# Sometimes I Wonder If I Take This Too Far?



## Redneck (Oct 6, 2016)

So while putting some more rice in my prepper room in the upper barn, I realized that was the 2nd batch of rice this month. I buy 150 lbs of rice from Sam's Club most times I visit it & repack in my four of my 6 gallon pails with sealed mylar bags & oxygen absorber. This made me realize this month I've put up:

300 lbs of rice 
160 lbs of Emergency Essentials hard red wheat
6 #10 cans Emergency Essentials tomato powder
6 #10 cans Emergency Essentials peanut powder
5 gallon pail of corn syrup
25 lbs cocoa powder

Granted this was a rather heavy ordering month but I think it is time for an intervention.


----------



## 7052 (Jul 1, 2014)

Naaaa. If you can afford it, it just means you'll be eating well if the SHTF!


----------



## RedLion (Sep 23, 2015)

Egyas said:


> Naaaa. If you can afford it, it just means you'll be eating well if the SHTF!

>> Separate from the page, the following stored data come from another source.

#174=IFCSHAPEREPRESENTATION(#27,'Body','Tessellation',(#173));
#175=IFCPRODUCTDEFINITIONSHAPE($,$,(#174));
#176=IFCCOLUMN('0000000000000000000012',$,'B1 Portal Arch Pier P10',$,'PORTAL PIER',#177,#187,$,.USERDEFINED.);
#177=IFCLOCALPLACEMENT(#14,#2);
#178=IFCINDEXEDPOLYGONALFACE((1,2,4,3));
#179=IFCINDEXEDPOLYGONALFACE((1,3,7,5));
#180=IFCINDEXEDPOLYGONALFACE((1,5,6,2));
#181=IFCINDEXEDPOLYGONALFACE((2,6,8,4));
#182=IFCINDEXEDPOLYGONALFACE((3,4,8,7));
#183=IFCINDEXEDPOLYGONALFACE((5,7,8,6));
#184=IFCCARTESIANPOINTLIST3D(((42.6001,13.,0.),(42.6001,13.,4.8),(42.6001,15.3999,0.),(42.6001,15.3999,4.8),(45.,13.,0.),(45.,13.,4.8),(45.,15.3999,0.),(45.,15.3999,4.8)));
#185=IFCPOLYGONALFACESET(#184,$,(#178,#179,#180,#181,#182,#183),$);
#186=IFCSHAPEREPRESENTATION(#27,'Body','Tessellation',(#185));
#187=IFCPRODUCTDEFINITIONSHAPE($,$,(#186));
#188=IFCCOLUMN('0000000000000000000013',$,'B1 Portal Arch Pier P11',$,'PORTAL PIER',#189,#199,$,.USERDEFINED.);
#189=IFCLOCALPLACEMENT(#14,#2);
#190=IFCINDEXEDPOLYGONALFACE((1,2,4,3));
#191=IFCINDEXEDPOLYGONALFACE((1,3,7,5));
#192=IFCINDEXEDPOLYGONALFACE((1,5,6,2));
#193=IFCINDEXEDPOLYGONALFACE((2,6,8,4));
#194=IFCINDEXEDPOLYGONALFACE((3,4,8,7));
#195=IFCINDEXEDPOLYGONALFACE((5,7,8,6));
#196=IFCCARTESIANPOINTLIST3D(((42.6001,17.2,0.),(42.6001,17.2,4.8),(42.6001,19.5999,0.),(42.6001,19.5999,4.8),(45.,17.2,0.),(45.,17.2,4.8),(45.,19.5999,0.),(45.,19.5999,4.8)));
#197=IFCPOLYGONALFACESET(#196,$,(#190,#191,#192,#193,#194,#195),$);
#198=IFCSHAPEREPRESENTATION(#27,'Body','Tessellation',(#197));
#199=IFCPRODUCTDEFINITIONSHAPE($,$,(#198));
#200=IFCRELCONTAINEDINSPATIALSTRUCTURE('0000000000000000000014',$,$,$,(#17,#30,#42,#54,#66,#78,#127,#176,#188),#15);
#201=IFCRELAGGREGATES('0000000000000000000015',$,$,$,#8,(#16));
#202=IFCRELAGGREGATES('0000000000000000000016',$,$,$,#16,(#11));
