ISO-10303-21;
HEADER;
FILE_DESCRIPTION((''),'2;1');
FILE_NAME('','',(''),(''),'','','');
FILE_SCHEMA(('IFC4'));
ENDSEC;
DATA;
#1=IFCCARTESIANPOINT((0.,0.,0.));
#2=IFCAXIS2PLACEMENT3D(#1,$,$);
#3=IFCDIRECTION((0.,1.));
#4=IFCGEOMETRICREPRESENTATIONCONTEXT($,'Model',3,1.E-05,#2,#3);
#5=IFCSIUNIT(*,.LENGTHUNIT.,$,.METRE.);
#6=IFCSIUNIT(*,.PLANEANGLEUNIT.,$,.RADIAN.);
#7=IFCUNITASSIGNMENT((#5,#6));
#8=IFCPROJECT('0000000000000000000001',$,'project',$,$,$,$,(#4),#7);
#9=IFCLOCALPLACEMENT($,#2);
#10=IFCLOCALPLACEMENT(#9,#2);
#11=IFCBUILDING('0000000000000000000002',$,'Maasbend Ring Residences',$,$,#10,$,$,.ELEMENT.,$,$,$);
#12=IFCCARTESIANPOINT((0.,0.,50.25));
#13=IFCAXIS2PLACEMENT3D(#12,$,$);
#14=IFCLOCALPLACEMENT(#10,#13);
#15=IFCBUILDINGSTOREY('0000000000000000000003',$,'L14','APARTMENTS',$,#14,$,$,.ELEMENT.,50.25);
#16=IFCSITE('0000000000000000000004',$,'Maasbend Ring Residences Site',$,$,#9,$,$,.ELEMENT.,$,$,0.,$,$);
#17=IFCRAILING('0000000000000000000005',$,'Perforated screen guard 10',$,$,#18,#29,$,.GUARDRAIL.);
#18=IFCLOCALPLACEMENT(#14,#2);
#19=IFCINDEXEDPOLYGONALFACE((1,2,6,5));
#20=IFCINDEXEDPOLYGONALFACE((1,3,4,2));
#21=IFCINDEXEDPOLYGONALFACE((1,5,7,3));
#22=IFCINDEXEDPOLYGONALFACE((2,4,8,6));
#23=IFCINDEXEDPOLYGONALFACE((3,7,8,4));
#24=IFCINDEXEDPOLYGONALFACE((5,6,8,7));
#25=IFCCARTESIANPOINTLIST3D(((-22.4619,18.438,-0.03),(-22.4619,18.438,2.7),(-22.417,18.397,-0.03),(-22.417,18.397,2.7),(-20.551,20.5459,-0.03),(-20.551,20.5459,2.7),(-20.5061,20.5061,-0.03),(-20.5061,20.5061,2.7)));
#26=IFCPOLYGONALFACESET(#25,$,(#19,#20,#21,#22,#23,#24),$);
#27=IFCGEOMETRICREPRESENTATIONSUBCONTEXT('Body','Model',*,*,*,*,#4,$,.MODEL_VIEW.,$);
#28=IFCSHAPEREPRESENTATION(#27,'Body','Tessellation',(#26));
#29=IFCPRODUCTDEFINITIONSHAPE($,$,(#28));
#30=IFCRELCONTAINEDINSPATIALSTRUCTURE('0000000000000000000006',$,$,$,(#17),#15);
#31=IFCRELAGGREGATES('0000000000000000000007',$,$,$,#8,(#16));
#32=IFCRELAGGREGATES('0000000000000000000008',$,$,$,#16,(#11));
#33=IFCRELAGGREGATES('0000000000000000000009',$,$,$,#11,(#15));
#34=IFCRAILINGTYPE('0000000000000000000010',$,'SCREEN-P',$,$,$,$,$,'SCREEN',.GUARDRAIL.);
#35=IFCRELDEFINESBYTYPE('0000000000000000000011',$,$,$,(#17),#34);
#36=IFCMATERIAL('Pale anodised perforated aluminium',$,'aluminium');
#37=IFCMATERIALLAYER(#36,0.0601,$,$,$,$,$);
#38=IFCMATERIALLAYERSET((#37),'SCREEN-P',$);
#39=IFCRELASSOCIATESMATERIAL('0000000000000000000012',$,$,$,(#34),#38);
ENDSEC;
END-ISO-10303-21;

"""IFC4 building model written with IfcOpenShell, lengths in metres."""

from ifc_helpers import new_model, si_unit, direction, frame, origin, place, context, subcontext, project, spatial, polyline, outline, extrude, material, layer, layer_set, type_object, element, save


model = new_model("IFC4")

# Units and contexts
model_context = context("Model", 3, precision=1e-05, world=origin(), true_north=direction((0.0, 1.0)))
body_context = subcontext(model_context, "Body", "Model", "MODEL_VIEW")
ifc_project = project(units=[si_unit("LENGTHUNIT", "METRE"), si_unit("PLANEANGLEUNIT", "RADIAN")], contexts=[model_context])

# Site, building, storey
site_placement = place(None, origin())
site = spatial("IfcSite", under=ifc_project, at=site_placement, Name="Maasbend Ring Residences Site", CompositionType="ELEMENT", RefElevation=0.0)
building_placement = place(site_placement, origin())
building = spatial("IfcBuilding", under=site, at=building_placement, Name="Maasbend Ring Residences", CompositionType="ELEMENT")
storey_placement = place(building_placement, frame((0.0, 0.0, 50.25)))
storey = spatial("IfcBuildingStorey", under=building, at=storey_placement, Name="L14", Description="APARTMENTS", CompositionType="ELEMENT", Elevation=50.25)

# Railing
ifc_material_1 = material(Name="Pale anodised perforated aluminium", Category="aluminium")
ifc_layer_1 = layer(ifc_material_1, 0.0601)
ifc_layer_set_1 = layer_set([ifc_layer_1], Name="SCREEN-P")
railing_type = type_object("IfcRailingType", Name="SCREEN-P", ElementType="SCREEN", PredefinedType="GUARDRAIL", material=ifc_layer_set_1)
railing_1_placement = place(storey_placement, frame((0.0, 0.0, -0.03)))
element("IfcRailing", 1, at=railing_1_placement, inside=storey, type_object=railing_type, Name="Perforated screen guard 10", PredefinedType="GUARDRAIL", context=body_context, shape_type="SweptSolid", body=[
    extrude(outline(polyline([(-20.5061, 20.5061), (-22.417, 18.397), (-22.4619, 18.438), (-20.551, 20.5459), (-20.5061, 20.5061)])), origin(), (0.0, 0.0, 1.0), 2.73),
])

save(model, "model.ifc")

I totally agree. If you can afford it, then do it. I know that I would increase what I store, but $ only goes so far.


----------



## Redneck (Oct 6, 2016)

Egyas said:


> Naaaa. If you can afford it, it just means you'll be eating well if the SHTF!


Well I'm a practical person too, so if there is no SHTF event by the time I get more elderly, I plan on eating all this good food, God willing and the creek don't rise.


----------



## Illini Warrior (Jan 24, 2015)

******* said:


> So while putting some more rice in my prepper room in the upper barn, I realized that was the 2nd batch of rice this month. I buy 150 lbs of rice from Sam's Club most times I visit it & repack in my four of my 6 gallon pails with sealed mylar bags & oxygen absorber. This made me realize this month I've put up:
> 
> 300 lbs of rice
> 160 lbs of Emergency Essentials hard red wheat
> ...


how close to Hell's temps does that upper barn room get on a Mississippi August day?


----------



## Camel923 (Aug 13, 2014)

I find if I am way heavy in one area to then concentrate on a different one.


----------



## Redneck (Oct 6, 2016)

Illini Warrior said:


> how close to Hell's temps does that upper barn room get on a Mississippi August day?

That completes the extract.